Editorial - (2021) Volume 11, Issue 11
Received: 10-Nov-2021
Published:
20-Nov-2021
, DOI: 10.37421/2155-9538.2021.11.272
Citation: Kumar, Milton. “Microfluidics for Bioengineering of Phytoplankton.” J Bioengineer & Biomedical Sci 11(2021): 272.
Copyright: Kumar M. This is an open-access article distributed under the terms of the Creative Commons Attribution License, which permits unrestricted use, distribution, and reproduction in any medium, provided the original author and source are credited.
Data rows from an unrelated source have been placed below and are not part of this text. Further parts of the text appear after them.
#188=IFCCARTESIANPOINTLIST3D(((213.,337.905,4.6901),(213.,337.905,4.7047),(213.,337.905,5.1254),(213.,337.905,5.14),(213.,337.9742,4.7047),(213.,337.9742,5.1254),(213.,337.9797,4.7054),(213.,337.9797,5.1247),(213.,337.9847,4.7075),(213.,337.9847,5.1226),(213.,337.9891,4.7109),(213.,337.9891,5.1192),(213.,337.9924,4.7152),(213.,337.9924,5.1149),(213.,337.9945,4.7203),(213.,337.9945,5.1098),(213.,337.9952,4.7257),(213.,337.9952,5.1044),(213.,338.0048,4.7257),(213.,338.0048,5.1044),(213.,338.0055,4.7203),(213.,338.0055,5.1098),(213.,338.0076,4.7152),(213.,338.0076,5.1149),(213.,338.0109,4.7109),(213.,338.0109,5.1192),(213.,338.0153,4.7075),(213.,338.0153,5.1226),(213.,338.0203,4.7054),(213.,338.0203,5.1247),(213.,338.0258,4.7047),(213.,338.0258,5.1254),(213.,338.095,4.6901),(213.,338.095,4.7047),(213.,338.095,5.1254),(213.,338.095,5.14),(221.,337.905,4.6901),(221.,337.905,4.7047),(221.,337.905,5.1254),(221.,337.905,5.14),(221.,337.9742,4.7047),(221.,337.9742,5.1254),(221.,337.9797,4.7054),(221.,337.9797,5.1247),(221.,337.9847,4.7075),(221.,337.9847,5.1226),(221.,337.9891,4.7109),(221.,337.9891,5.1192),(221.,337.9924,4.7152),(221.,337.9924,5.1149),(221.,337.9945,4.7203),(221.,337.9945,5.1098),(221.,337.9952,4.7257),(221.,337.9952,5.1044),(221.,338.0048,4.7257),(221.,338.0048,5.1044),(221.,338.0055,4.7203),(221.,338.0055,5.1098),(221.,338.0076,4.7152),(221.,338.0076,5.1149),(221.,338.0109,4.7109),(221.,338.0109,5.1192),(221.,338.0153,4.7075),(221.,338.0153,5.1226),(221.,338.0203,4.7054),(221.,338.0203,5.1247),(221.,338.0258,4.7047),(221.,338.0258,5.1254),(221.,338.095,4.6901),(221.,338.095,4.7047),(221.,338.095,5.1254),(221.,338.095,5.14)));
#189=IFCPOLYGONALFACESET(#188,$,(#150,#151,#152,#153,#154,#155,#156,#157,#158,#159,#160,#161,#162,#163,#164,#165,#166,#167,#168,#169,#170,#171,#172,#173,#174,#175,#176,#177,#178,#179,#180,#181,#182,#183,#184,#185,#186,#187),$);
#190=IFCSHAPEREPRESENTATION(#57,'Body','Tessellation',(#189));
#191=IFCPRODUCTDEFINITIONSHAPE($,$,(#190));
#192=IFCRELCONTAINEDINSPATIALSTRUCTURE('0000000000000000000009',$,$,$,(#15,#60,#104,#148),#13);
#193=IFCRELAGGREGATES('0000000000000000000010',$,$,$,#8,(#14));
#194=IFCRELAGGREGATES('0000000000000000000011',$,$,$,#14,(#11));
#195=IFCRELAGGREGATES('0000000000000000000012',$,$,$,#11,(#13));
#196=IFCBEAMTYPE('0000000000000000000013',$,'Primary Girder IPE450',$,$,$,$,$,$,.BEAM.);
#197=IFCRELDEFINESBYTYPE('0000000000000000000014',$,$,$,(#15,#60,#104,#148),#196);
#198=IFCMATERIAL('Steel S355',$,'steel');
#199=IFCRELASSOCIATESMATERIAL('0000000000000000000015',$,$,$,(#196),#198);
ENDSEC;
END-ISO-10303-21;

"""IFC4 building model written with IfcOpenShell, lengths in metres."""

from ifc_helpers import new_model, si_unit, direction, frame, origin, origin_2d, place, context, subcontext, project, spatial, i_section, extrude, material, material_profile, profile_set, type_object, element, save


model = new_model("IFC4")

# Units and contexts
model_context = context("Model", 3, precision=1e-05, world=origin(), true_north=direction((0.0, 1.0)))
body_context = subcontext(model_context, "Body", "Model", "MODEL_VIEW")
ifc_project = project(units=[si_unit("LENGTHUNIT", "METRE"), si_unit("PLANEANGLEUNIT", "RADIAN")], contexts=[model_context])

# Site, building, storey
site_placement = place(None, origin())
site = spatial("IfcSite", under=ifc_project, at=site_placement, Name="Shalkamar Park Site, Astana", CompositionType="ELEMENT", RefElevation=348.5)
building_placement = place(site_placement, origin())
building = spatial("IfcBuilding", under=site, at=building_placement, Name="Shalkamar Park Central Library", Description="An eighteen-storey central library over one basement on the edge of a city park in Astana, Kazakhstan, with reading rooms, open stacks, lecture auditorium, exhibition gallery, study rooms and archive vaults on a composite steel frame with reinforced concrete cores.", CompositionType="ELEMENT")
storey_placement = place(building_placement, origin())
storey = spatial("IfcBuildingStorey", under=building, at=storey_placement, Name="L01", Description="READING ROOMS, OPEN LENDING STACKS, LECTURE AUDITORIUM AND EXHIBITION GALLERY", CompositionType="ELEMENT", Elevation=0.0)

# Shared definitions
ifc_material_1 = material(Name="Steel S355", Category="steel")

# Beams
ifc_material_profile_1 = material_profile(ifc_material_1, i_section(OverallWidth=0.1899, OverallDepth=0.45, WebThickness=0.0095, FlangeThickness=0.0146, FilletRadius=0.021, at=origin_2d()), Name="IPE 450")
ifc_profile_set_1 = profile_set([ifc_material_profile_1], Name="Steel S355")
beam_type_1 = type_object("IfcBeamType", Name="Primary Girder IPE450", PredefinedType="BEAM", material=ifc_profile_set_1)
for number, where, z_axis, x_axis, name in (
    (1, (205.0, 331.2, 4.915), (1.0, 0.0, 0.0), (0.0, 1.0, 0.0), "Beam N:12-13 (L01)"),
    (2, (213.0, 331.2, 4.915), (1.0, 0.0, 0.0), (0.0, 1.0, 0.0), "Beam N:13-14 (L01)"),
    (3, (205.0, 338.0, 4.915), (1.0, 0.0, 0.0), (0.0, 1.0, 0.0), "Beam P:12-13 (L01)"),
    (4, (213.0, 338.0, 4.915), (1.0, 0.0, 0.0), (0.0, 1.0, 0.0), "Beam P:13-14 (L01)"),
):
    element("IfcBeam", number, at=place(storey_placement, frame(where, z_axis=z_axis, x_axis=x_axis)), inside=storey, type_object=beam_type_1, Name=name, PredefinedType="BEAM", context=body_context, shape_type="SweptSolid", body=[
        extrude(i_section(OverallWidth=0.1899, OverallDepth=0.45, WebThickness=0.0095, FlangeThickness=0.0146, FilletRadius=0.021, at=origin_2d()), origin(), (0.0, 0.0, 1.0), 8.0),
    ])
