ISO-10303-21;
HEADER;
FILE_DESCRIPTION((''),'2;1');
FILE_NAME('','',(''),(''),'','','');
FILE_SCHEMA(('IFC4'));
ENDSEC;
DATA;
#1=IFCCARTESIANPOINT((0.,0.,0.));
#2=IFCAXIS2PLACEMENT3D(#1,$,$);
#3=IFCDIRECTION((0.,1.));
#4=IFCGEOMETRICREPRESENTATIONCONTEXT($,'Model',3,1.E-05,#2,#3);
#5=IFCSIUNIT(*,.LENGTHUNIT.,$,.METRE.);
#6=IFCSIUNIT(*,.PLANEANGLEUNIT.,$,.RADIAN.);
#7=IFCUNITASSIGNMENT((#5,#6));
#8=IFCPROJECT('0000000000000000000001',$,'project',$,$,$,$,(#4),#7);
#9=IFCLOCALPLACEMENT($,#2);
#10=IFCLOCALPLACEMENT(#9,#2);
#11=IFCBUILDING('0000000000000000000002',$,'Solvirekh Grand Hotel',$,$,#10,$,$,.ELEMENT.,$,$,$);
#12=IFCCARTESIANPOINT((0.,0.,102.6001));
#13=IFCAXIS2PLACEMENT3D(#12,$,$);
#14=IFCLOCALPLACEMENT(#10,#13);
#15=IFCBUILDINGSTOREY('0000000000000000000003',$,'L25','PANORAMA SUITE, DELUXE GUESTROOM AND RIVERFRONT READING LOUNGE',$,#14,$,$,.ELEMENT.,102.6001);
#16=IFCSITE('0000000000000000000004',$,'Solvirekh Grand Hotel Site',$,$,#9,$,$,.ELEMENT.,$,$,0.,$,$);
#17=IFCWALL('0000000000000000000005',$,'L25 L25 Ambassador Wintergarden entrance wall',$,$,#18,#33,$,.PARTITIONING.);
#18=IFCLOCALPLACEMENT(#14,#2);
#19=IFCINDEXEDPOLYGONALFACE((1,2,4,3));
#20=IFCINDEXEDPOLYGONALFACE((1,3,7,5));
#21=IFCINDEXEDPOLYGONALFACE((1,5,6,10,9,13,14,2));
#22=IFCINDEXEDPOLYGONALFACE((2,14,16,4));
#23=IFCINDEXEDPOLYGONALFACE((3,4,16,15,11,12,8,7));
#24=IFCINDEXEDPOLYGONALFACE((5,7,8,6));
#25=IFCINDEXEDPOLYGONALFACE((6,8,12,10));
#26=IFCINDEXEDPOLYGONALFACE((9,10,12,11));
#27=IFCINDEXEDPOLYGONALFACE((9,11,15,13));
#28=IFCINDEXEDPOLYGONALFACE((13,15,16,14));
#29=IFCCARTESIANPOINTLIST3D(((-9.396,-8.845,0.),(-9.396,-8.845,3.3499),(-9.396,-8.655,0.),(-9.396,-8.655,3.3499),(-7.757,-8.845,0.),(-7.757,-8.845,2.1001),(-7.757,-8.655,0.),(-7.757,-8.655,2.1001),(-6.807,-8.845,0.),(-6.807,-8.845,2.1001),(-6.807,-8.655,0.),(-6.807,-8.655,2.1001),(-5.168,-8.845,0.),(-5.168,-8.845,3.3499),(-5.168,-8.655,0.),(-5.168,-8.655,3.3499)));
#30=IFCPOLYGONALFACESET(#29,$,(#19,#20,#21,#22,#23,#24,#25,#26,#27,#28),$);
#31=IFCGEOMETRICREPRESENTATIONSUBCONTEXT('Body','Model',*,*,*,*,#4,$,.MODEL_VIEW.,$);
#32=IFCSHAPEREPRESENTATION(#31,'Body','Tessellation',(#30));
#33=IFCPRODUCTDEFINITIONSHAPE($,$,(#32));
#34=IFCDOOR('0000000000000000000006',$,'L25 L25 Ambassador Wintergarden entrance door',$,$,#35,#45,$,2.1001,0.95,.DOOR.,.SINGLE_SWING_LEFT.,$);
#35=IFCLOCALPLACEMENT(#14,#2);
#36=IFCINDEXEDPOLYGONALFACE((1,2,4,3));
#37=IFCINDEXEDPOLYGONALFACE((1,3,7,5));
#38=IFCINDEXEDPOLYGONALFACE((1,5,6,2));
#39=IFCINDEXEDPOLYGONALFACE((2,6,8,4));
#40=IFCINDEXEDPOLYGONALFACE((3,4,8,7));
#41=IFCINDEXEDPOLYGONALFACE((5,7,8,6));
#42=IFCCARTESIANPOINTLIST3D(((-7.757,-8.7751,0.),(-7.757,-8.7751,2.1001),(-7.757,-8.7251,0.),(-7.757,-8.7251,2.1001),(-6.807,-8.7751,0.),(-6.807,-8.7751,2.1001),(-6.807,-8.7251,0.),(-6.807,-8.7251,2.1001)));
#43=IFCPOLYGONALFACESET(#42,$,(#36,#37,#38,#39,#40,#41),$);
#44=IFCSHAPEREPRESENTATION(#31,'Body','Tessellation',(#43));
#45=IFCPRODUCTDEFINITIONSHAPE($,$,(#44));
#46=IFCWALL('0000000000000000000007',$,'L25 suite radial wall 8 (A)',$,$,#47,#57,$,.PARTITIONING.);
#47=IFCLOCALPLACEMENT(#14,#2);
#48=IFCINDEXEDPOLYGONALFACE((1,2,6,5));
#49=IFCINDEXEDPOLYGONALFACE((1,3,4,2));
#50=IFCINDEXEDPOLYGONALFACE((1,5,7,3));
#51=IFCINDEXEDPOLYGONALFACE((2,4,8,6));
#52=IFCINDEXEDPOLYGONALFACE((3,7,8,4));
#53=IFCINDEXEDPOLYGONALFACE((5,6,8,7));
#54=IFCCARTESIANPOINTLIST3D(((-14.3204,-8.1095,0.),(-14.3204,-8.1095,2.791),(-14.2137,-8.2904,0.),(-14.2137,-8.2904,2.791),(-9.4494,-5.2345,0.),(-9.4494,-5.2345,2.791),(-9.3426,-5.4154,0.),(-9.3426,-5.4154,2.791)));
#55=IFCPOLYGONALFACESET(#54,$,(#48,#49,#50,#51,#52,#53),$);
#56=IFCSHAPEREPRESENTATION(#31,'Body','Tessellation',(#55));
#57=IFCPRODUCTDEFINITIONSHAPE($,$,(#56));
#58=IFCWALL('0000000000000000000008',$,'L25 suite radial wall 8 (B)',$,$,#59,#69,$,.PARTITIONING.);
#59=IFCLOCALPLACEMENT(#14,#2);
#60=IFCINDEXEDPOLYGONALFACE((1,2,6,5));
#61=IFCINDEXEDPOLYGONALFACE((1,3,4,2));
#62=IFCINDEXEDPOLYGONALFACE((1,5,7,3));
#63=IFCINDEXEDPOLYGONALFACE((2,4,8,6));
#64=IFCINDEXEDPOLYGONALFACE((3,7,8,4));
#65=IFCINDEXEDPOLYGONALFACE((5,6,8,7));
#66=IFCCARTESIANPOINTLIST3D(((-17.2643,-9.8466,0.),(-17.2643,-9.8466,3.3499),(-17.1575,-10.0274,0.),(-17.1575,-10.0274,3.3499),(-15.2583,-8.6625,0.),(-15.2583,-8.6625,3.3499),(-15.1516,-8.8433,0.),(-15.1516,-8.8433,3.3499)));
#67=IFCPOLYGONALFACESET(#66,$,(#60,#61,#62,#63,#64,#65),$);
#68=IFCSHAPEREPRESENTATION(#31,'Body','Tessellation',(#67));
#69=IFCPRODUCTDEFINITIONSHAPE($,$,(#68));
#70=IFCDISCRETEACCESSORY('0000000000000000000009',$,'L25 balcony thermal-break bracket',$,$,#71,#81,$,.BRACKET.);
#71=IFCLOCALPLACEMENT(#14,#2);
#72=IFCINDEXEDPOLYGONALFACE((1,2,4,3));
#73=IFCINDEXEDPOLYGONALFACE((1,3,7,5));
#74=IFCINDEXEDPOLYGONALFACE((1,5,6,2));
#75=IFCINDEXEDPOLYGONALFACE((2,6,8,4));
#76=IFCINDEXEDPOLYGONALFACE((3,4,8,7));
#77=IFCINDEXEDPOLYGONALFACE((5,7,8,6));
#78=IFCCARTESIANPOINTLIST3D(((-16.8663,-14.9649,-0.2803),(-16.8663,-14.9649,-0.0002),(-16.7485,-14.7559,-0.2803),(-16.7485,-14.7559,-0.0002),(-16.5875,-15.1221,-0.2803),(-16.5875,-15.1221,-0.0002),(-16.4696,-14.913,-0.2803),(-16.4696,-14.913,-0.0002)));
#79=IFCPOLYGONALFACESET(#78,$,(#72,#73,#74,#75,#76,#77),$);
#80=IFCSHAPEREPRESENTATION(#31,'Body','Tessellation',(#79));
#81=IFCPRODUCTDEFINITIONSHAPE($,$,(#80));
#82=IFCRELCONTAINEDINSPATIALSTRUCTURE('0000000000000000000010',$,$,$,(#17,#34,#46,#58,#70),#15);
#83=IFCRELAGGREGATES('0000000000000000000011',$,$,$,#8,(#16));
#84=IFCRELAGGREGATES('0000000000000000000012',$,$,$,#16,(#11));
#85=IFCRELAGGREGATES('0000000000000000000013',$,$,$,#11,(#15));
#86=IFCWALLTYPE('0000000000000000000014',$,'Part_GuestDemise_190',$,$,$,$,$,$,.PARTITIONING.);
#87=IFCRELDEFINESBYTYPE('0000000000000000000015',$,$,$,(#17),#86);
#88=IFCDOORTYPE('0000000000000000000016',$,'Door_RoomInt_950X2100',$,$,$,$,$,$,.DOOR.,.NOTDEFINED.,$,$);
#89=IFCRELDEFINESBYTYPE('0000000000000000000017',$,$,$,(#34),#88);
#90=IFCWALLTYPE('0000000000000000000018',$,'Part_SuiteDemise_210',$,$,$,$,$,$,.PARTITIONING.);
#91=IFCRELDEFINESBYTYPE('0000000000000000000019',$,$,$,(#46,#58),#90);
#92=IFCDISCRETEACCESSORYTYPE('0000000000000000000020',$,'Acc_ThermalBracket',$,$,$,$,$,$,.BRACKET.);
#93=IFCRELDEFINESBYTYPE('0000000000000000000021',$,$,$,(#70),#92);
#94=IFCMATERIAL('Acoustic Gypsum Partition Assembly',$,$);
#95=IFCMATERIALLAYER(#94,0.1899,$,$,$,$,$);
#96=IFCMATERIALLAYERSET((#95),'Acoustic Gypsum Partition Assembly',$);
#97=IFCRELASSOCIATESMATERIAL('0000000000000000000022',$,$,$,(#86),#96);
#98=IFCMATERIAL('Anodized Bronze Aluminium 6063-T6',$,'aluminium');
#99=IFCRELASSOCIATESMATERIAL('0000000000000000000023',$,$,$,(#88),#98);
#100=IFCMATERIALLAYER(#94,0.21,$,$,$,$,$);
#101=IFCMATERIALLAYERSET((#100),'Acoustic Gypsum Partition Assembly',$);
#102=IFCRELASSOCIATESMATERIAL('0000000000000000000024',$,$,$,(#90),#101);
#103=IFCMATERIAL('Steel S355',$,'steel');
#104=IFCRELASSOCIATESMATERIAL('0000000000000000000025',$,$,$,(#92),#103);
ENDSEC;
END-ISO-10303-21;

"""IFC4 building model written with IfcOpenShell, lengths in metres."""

from ifc_helpers import new_model, si_unit, direction, frame, frame_2d, origin, origin_2d, place, context, subcontext, project, spatial, rectangle, extrude, material, layer, layer_set, type_object, element, fill, save


model = new_model("IFC4")

# Units and contexts
model_context = context("Model", 3, precision=1e-05, world=origin(), true_north=direction((0.0, 1.0)))
body_context = subcontext(model_context, "Body", "Model", "MODEL_VIEW")
ifc_project = project(units=[si_unit("LENGTHUNIT", "METRE"), si_unit("PLANEANGLEUNIT", "RADIAN")], contexts=[model_context])

# Site, building, storey
site_placement = place(None, origin())
site = spatial("IfcSite", under=ifc_project, at=site_placement, Name="Solvirekh Grand Hotel Site", CompositionType="ELEMENT", RefElevation=0.0)
building_placement = place(site_placement, origin())
building = spatial("IfcBuilding", under=site, at=building_placement, Name="Solvirekh Grand Hotel", CompositionType="ELEMENT")
storey_placement = place(building_placement, frame((0.0, 0.0, 102.6001)))
storey = spatial("IfcBuildingStorey", under=building, at=storey_placement, Name="L25", Description="PANORAMA SUITE, DELUXE GUESTROOM AND RIVERFRONT READING LOUNGE", CompositionType="ELEMENT", Elevation=102.6001)

# Shared definitions
ifc_material_1 = material(Name="Steel S355", Category="steel")

# Shared definitions
ifc_material_2 = material(Name="Anodized Bronze Aluminium 6063-T6", Category="aluminium")

# Shared definitions
ifc_material_3 = material(Name="Acoustic Gypsum Partition Assembly")

# Wall, opening, door
ifc_layer_1 = layer(ifc_material_3, 0.1899)
ifc_layer_set_1 = layer_set([ifc_layer_1], Name="Acoustic Gypsum Partition Assembly")
wall_type_1 = type_object("IfcWallType", Name="Part_GuestDemise_190", PredefinedType="PARTITIONING", material=ifc_layer_set_1)
wall_1_placement = place(storey_placement, frame((-9.396, -8.75, 0.0), z_axis=(0.0, 0.0, 1.0), x_axis=(1.0, 0.0, 0.0)))
wall_1 = element("IfcWall", 1, at=wall_1_placement, inside=storey, type_object=wall_type_1, Name="L25 L25 Ambassador Wintergarden entrance wall", PredefinedType="PARTITIONING", context=body_context, shape_type="SweptSolid", body=[
    extrude(rectangle(XDim=4.228, YDim=0.1899, at=frame_2d((2.114, 0.0))), origin(), (0.0, 0.0, 1.0), 3.3499),
])
opening_1_placement = place(wall_1_placement, frame((1.6389, 0.0, 0.0)))
opening_1 = element("IfcOpeningElement", 2, at=opening_1_placement, cuts=wall_1, PredefinedType="OPENING", context=body_context, shape_type="SweptSolid", body=[
    extrude(rectangle(XDim=0.95, YDim=2.1001, at=frame_2d((0.4751, 1.05))), frame((0.0, 0.105, 0.0), z_axis=(0.0, -1.0, 0.0), x_axis=(1.0, 0.0, 0.0)), (0.0, 0.0, 1.0), 0.21),
])
door_type_1 = type_object("IfcDoorType", Name="Door_RoomInt_950X2100", OperationType="NOTDEFINED", PredefinedType="DOOR", material=ifc_material_2)
door_1_placement = place(opening_1_placement, origin())
door_1 = element("IfcDoor", 3, at=door_1_placement, inside=storey, type_object=door_type_1, Name="L25 L25 Ambassador Wintergarden entrance door", OperationType="SINGLE_SWING_LEFT", OverallHeight=2.1001, OverallWidth=0.95, PredefinedType="DOOR", context=body_context, shape_type="SweptSolid", body=[
    extrude(rectangle(XDim=0.95, YDim=2.1001, at=frame_2d((0.4751, 1.05))), frame((0.0, 0.0249, 0.0), z_axis=(0.0, -1.0, 0.0), x_axis=(1.0, 0.0, 0.0)), (0.0, 0.0, 1.0), 0.05),
])
fill(opening_1, door_1)

# Walls
ifc_layer_2 = layer(ifc_material_3, 0.21)
ifc_layer_set_2 = layer_set([ifc_layer_2], Name="Acoustic Gypsum Partition Assembly")
wall_type_2 = type_object("IfcWallType", Name="Part_SuiteDemise_210", PredefinedType="PARTITIONING", material=ifc_layer_set_2)
wall_2_placement = place(storey_placement, frame((-9.396, -5.325, 0.0), z_axis=(0.0, 0.0, 1.0), x_axis=(-0.861188, -0.508287, 0.0)))
element("IfcWall", 4, at=wall_2_placement, inside=storey, type_object=wall_type_2, Name="L25 suite radial wall 8 (A)", PredefinedType="PARTITIONING", context=body_context, shape_type="SweptSolid", body=[
    extrude(rectangle(XDim=5.6562, YDim=0.21, at=frame_2d((2.8281, 0.0))), origin(), (0.0, 0.0, 1.0), 2.791),
])
wall_3_placement = place(storey_placement, frame((-15.2051, -8.7529, 0.0), z_axis=(0.0, 0.0, 1.0), x_axis=(-0.861152, -0.508348, 0.0)))
element("IfcWall", 5, at=wall_3_placement, inside=storey, type_object=wall_type_2, Name="L25 suite radial wall 8 (B)", PredefinedType="PARTITIONING", context=body_context, shape_type="SweptSolid", body=[
    extrude(rectangle(XDim=2.3293, YDim=0.21, at=frame_2d((1.1646, 0.0))), origin(), (0.0, 0.0, 1.0), 3.3499),
])

# Discrete accessory
discrete_accessory_type = type_object("IfcDiscreteAccessoryType", Name="Acc_ThermalBracket", PredefinedType="BRACKET", material=ifc_material_1)
discrete_accessory_placement = place(storey_placement, frame((-16.668, -14.939, -0.2803), z_axis=(0.0, 0.0, 1.0), x_axis=(0.871214, -0.490904, 0.0)))
element("IfcDiscreteAccessory", 6, at=discrete_accessory_placement, inside=storey, type_object=discrete_accessory_type, Name="L25 balcony thermal-break bracket", PredefinedType="BRACKET", context=body_context, shape_type="SweptSolid", body=[
    extrude(rectangle(XDim=0.3201, YDim=0.24, at=origin_2d()), origin(), (0.0, 0.0, 1.0), 0.28),
])

save(model, "model.ifc")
Microalgae's position as a renewable and sustainable feedstock for biofuel, smart nutrition, biopharmaceutical, cosmeceutical, biosensing, and space technologies has expanded. They gather useful biological substances, such as pigments and carotenoids, from protein, carbohydrate, and lipid groups. Microalgal biomass, which can be used for multivalorization in biorefineries, can be used to make a variety of biofuels as well as other highvalue biotechnological products. To optimise yield, quality, and the economic aspects of both upstream and downstream operations, state-of-the-art technologies are necessary. Because of their microscale sizes and dilute cultures, microalgae require microfluidic-based devices for both fundamental research and industrial applications.
Microfluidics-based devices outperform their competitors because they can sort and analyse small amounts of samples (nanoliter to picoliter) with higher sensitivity. We look at how microfluidic technology are being used in microalgal processes like cell sorting, cultivation, and harvesting, as well as biofuels, biosensing, medicine delivery, and nutrition. Microalgae have shown to be capable of producing high-quality renewable biofuel feedstocks and other high-value compounds. However, major advancements in microalgal biology and strain development, as well as downstream processing, are necessary to make microalgae-derived biofuels and bioproducts economically viable. The majority of microalgal research methodologies are based on traditional cell culture and cell handling equipment, which are bulky, labor-intensive, timeconsuming, and throughput-limited. Microfluidic lab-on-a-chip devices can help enhance microalgal biofuel and bioproduction research by providing high accuracy and high efficiency cell/reagent handling capabilities, allowing for high-throughput experiments in a cost-effective and time-efficient manner.
Recent advances in the development and application of microfluidic lab-on-a-chip systems for microalgal biotechnology, particularly microalgaebased biofuels, are discussed here, including microsystems for single-cell resolution high-throughput cell identification and separation, highly efficient cell transformation, high-throughput parallel cell cultivation, cell harvesting, and cell analysis applications. At the conclusion, several microfluidic applications such as microalgae-based fuel cells and microalgae-based biosensing platforms are discussed. Finally, we discuss potential approaches for using microfluidic lab on-a-chip devices to solve present hurdles and improve the current state of microalgal biotechnology.
In a bio-based industry that is concerned about high productivity in a certain high-value product, the most prolific microalgae species and suited conditions should be chosen to maximise the production of specified chemicals. The earliest investigations of microfluidic techniques for microalgae intended to investigate the properties of different strains and create microscale bioreactors in order to obtain the best strains and conditions. To produce microalgae and analyse their growth at the microscale, a variety of microfluidic screening platforms have been developed.
Microalgae, unlike other commonly studied biological cells like mammalian and bacterial cells, are usually planktonic rather than attached unless an appropriate habitat is given. Because microalgae are non-adhesive cells that are driven by streams, it is important to trap them in microdevices in order to investigate them at the cell level or to follow the same population during a continuous media flow. Mechanical traps, droplets, and microchambers are the three types of microscale or microfluidic bioreactors that can be categorised depending on their architecture. Microstructures constructed in flow channels to keep cells are called mechanical traps; droplet systems trap cells in water droplets surrounded by hydrophobic solvents are called droplet systems; and microchambers are microreactors in which cells are free in an enclosed environment.
Microfluidic droplets
The use of microfluidic droplets allows single or many cells to be enclosed in their own environment, simulating batch culture conditions. Droplets also make cell sorting simple and enable for high throughput. Microfluidic droplets have been used in a variety of studies, including microbial and mammalian cell culture, chemical processes, and protein crystallisation.
Microchamber
Microchambers are miniaturised photobioreactors that are used to develop a cell population. Culture scale is often bigger than earlier microfluidic devices, allowing for biomass-based analysis and results that are closer to bulk culture conditions.